|Product Performed to Expectations:||6|
|Specifications were sufficient to design with:||8|
|Demo Software was of good quality:||8|
|Product was easy to use:||5|
|Support materials were available:||5|
|The price to performance ratio was good:||9|
|TotalScore:||41 / 60|
The Ultra96 board features a ZYNQ Ultrascale which comes with plenty of peripherals such as WIFI/BLE, SD card, Display port, USB3 and USB2 downstream ports. The board also features a 40 pin connector connected to Bank 13 which is set to 1.8V and
a high speed FPC connector that comes with two MIPI-CSI interfaces. These are mostly used for interfacing with cameras.
My initial idea was to build a AI vision based project with the Ultra96 board. The project hit a snag when while unpacking the board I noticed the JTAG switch was kind of smashed at a weird angle.
Anyway , I tried to boot up the board and lo and behold nothing happened. After careful inspection I see that the traces near the switch were lifted.
The switch is connected to the bootstrap pins which define the boto method. If the pins are floating the SOC essentially does not boot up.
I ended up fixing it by soldering two resistors to the pins to the GND pin of the fan. This happens to be slightly dangerous since the pin adjacent to the GND pin the 12 V for the fan.Seems kind of weird that this got past QA.
The initial was to implement an AI algorithm in the PL. The architecture of the program is as follows.
An OV7670 VGA camera is used to get the images into the fabric. The OV7670 module uses an slave AXI stream interface which pipes the data directly to the AI core.
In addition an AXI stream to VDMA core can be used to get the data to the DDRL3 side of PS section allowing one of the ARM52 cores to serve the image over IP.
Vivado 2018.2 does not have any AI IP cores so one has to design this from scratch. Since this is a big undertaking the project was revised to just send the data to the PS section and run the AI on the PS.

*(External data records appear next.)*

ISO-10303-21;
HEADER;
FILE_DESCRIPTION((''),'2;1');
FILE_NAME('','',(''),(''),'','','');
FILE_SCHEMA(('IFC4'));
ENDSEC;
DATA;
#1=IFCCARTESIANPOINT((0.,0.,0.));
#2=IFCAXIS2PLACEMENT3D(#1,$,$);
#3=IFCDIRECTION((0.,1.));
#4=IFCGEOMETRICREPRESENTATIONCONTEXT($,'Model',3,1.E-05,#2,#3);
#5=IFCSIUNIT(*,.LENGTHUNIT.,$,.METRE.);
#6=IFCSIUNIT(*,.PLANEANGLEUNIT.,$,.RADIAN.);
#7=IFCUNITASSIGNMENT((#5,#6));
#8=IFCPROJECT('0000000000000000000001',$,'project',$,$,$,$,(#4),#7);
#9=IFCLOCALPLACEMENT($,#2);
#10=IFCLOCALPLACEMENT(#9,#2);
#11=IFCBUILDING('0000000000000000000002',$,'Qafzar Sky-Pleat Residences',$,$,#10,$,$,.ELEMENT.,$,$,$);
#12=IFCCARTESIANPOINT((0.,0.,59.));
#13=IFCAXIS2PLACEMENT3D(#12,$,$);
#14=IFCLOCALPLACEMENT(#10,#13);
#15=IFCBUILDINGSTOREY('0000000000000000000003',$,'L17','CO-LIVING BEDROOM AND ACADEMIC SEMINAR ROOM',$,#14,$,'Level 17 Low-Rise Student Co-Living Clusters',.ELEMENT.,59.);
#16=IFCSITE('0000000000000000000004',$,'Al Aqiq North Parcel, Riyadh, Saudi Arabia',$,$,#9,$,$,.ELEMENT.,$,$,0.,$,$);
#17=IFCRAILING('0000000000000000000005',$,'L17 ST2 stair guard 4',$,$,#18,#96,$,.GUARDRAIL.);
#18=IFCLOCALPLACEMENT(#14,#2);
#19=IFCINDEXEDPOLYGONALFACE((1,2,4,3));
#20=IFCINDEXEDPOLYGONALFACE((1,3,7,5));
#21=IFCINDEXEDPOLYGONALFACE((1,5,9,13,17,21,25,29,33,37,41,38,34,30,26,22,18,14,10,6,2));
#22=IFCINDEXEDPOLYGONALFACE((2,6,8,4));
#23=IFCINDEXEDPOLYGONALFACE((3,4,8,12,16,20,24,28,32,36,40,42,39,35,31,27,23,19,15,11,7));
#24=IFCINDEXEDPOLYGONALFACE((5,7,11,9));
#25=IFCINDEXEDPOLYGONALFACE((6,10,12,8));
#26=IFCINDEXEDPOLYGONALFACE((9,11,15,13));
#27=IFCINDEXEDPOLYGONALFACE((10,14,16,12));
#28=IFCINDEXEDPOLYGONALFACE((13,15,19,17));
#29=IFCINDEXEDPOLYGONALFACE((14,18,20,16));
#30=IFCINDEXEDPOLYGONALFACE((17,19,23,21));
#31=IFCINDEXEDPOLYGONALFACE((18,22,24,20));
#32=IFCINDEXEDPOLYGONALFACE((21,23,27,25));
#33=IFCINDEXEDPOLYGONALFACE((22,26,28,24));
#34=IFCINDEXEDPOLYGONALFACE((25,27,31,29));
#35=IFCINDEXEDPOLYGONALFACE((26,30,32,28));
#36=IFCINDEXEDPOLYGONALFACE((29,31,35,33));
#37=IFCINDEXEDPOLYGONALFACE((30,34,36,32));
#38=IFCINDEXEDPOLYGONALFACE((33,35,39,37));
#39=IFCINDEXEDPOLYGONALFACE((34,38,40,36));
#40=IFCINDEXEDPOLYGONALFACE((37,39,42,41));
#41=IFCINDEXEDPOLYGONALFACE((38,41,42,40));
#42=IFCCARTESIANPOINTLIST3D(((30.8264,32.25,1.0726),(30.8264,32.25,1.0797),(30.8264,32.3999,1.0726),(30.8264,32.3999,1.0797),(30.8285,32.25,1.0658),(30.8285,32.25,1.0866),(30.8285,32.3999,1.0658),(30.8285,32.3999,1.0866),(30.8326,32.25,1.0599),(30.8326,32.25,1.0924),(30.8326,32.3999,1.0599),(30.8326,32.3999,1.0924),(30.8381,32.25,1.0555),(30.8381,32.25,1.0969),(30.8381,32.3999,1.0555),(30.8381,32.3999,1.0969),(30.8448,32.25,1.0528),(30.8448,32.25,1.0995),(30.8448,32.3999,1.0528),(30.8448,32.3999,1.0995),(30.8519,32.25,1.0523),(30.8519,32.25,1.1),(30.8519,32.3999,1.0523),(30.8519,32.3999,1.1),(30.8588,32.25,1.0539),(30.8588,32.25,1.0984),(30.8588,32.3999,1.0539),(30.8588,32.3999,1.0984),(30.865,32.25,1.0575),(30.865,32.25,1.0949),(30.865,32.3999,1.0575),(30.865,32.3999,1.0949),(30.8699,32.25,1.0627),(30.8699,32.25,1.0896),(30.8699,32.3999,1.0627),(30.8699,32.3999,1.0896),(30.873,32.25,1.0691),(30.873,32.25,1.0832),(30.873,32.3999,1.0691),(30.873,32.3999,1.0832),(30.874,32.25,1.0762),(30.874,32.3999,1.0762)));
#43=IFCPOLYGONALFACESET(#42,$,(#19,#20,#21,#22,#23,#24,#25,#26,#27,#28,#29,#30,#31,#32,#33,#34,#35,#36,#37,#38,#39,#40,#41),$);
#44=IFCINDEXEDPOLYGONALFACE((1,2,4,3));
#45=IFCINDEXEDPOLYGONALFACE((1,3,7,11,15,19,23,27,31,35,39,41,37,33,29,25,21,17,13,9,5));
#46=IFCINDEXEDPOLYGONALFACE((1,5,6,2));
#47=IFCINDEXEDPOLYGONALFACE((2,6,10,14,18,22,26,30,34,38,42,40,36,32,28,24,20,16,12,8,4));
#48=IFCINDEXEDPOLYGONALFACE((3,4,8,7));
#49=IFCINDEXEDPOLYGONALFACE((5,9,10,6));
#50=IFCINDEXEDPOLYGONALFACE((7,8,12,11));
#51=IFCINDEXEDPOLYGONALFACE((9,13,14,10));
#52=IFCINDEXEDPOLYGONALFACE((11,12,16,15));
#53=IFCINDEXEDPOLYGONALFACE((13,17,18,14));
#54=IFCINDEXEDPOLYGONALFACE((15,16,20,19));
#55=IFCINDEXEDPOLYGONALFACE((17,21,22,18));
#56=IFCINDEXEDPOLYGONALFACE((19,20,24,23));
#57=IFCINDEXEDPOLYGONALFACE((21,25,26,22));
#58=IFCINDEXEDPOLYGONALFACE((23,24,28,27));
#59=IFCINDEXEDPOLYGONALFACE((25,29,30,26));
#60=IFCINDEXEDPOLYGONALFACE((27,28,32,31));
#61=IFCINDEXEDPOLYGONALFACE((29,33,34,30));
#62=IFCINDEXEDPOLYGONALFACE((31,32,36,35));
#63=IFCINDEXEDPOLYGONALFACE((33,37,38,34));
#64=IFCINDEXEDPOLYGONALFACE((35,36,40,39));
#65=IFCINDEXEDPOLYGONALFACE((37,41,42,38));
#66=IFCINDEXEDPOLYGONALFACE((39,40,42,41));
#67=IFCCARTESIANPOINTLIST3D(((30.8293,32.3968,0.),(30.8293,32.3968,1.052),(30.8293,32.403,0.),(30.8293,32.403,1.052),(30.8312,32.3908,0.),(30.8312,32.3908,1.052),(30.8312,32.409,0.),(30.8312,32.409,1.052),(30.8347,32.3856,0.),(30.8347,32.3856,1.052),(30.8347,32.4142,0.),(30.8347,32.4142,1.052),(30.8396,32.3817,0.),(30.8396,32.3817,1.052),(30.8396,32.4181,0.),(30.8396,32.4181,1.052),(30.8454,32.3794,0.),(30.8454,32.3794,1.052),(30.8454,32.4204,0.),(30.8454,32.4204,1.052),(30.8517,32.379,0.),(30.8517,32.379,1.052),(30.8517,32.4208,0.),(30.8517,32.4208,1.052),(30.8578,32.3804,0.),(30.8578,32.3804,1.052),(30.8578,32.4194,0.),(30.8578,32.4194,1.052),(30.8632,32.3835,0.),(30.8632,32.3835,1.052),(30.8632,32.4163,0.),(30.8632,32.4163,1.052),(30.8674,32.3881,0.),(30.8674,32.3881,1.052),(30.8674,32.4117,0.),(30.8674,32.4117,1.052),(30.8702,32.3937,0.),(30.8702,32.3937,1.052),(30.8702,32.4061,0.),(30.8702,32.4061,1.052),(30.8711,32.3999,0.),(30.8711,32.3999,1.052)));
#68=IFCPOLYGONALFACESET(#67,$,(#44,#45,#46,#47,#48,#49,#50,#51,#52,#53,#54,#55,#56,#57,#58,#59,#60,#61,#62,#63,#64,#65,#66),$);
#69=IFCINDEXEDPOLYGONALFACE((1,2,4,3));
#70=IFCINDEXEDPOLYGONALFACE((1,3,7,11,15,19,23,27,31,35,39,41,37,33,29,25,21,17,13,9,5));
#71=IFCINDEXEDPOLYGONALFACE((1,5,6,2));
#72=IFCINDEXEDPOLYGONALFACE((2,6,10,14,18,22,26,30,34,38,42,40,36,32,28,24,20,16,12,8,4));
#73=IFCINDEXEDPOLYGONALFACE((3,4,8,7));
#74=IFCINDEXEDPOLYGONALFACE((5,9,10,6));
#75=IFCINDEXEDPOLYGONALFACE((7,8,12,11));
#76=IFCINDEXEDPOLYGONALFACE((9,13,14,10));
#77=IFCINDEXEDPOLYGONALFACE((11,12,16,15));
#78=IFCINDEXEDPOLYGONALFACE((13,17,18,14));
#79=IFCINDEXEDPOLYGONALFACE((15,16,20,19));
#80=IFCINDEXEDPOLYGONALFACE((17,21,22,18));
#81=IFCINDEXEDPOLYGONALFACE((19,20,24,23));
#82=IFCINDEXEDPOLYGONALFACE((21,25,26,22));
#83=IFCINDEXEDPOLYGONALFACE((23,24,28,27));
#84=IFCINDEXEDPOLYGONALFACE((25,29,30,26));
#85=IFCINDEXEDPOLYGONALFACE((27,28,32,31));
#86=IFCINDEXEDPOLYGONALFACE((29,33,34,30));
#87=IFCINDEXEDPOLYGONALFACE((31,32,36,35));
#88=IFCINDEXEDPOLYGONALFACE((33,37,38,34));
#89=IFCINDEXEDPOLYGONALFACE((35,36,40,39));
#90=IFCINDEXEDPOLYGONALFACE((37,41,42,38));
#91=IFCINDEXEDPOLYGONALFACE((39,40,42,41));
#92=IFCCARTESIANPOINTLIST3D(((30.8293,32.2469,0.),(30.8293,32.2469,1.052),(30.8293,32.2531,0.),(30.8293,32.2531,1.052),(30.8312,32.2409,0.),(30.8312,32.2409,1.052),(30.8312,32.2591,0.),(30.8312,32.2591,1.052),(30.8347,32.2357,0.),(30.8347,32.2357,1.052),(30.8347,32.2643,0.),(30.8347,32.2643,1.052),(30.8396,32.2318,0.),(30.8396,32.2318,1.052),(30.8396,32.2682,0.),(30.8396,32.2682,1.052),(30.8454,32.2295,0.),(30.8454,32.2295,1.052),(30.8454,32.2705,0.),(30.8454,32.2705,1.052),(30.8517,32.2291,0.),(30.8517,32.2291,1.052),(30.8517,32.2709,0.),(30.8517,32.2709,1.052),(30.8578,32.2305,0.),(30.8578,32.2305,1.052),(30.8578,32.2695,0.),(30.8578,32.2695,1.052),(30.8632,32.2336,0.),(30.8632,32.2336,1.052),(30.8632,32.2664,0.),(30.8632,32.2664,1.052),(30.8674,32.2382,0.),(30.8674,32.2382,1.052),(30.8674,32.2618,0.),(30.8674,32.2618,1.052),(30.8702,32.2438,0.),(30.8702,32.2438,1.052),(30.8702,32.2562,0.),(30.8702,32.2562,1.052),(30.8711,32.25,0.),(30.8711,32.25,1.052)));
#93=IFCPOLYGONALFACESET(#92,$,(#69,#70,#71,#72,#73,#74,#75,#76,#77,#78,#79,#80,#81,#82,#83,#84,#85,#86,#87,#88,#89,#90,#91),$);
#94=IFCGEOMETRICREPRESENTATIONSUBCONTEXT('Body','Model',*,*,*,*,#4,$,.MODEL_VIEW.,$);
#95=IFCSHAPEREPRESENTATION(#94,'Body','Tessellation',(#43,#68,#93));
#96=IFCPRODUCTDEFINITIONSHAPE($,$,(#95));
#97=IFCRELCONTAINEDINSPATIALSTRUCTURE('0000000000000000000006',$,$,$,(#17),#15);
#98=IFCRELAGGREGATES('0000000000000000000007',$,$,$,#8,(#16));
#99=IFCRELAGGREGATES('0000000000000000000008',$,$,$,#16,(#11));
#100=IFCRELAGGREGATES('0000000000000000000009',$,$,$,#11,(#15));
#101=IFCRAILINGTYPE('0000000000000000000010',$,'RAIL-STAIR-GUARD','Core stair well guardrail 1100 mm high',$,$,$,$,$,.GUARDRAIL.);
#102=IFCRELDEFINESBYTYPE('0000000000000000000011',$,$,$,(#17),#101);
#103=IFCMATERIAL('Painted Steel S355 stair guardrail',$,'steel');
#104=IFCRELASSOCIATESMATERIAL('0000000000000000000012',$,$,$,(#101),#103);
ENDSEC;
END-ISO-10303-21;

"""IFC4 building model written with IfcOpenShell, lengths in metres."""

from ifc_helpers import new_model, si_unit, direction, frame, origin, origin_2d, place, context, subcontext, project, spatial, circle, extrude, source, transform, mapped, material, type_object, element, save


model = new_model("IFC4")

# Units and contexts
model_context = context("Model", 3, precision=1e-05, world=origin(), true_north=direction((0.0, 1.0)))
body_context = subcontext(model_context, "Body", "Model", "MODEL_VIEW")
ifc_project = project(units=[si_unit("LENGTHUNIT", "METRE"), si_unit("PLANEANGLEUNIT", "RADIAN")], contexts=[model_context])

# Site, building, storey
site_placement = place(None, origin())
site = spatial("IfcSite", under=ifc_project, at=site_placement, Name="Al Aqiq North Parcel, Riyadh, Saudi Arabia", CompositionType="ELEMENT", RefElevation=0.0)
building_placement = place(site_placement, origin())
building = spatial("IfcBuilding", under=site, at=building_placement, Name="Qafzar Sky-Pleat Residences", CompositionType="ELEMENT")
storey_placement = place(building_placement, frame((0.0, 0.0, 59.0)))
storey = spatial("IfcBuildingStorey", under=building, at=storey_placement, Name="L17", Description="CO-LIVING BEDROOM AND ACADEMIC SEMINAR ROOM", LongName="Level 17 Low-Rise Student Co-Living Clusters", CompositionType="ELEMENT", Elevation=59.0)

# Railing
ifc_material_1 = material(Name="Painted Steel S355 stair guardrail", Category="steel")
railing_type_1 = type_object("IfcRailingType", Name="RAIL-STAIR-GUARD", Description="Core stair well guardrail 1100 mm high", PredefinedType="GUARDRAIL", material=ifc_material_1)
shared_shape_1 = source(origin(), body_context, "Body", "SweptSolid", [
    extrude(circle(Radius=0.0239, at=origin_2d()), frame((0.0, 0.0, 1.0762), z_axis=(0.0, -1.0, 0.0), x_axis=(1.0, 0.0, 0.0)), (0.0, 0.0, 1.0), 0.1499),
    extrude(circle(Radius=0.021, at=origin_2d()), origin(), (0.0, 0.0, 1.0), 1.052),
    extrude(circle(Radius=0.021, at=origin_2d()), frame((0.0, -0.1499, 0.0)), (0.0, 0.0, 1.0), 1.052),
])
railing_1_placement = place(storey_placement, frame((30.8501, 32.3999, 0.0)))
element("IfcRailing", 1, at=railing_1_placement, inside=storey, type_object=railing_type_1, Name="L17 ST2 stair guard 4", PredefinedType="GUARDRAIL", context=body_context, shape_type="MappedRepresentation", body=[
    mapped(shared_shape_1, transform((0.0, 0.0, 0.0), x_axis=(1.0, 0.0, 0.0), y_axis=(0.0, 1.0, 0.0), z_axis=(0.0, 0.0, 1.0), scale=1.0)),
])

save(model, "model.ifc")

I received a Ultra96 board. My idea was to build a vision processing pipeline to be used with an external camera sensor.
This development board comes with a ZYNQ Ultrascale.
The UktraScale chips are a category apart compared to the common ZYNQ SoC.
The Ultra96 uses a xczu3egsbva484 chip. This comes with four ARM-A53 cores and two deterministic ARM-R5 cores as well as MALI GPU.
The design I had in mind however would only leverage the PL (Programmable logic section) as well as using one of the cores for a Linux based OS.
By default the operating system used on Ultra96 is PetaLinux. The workflow for this particular distribution is involved so I ended up using PYNQ 2.1.
The main problem I encountered is that compilation is very very slow. So the project architecture was revised a bit in order to make this more doable.
The idea is to implement the image capture IP for the camera in the PL and use and external PYNQ overlay to do the image recognition. in the end I only ended up testing the camera.
Luckily it can interface with the 1.8V bus since the camera pin are compatible from 1.8 to 3.0V.
I built a small test setup with a number of standard peripheral such as GPIO, I2C , SPI and UART.
Once the bitstream is exported one has to open the SDK and write the main app. I verified this with a simple blink app.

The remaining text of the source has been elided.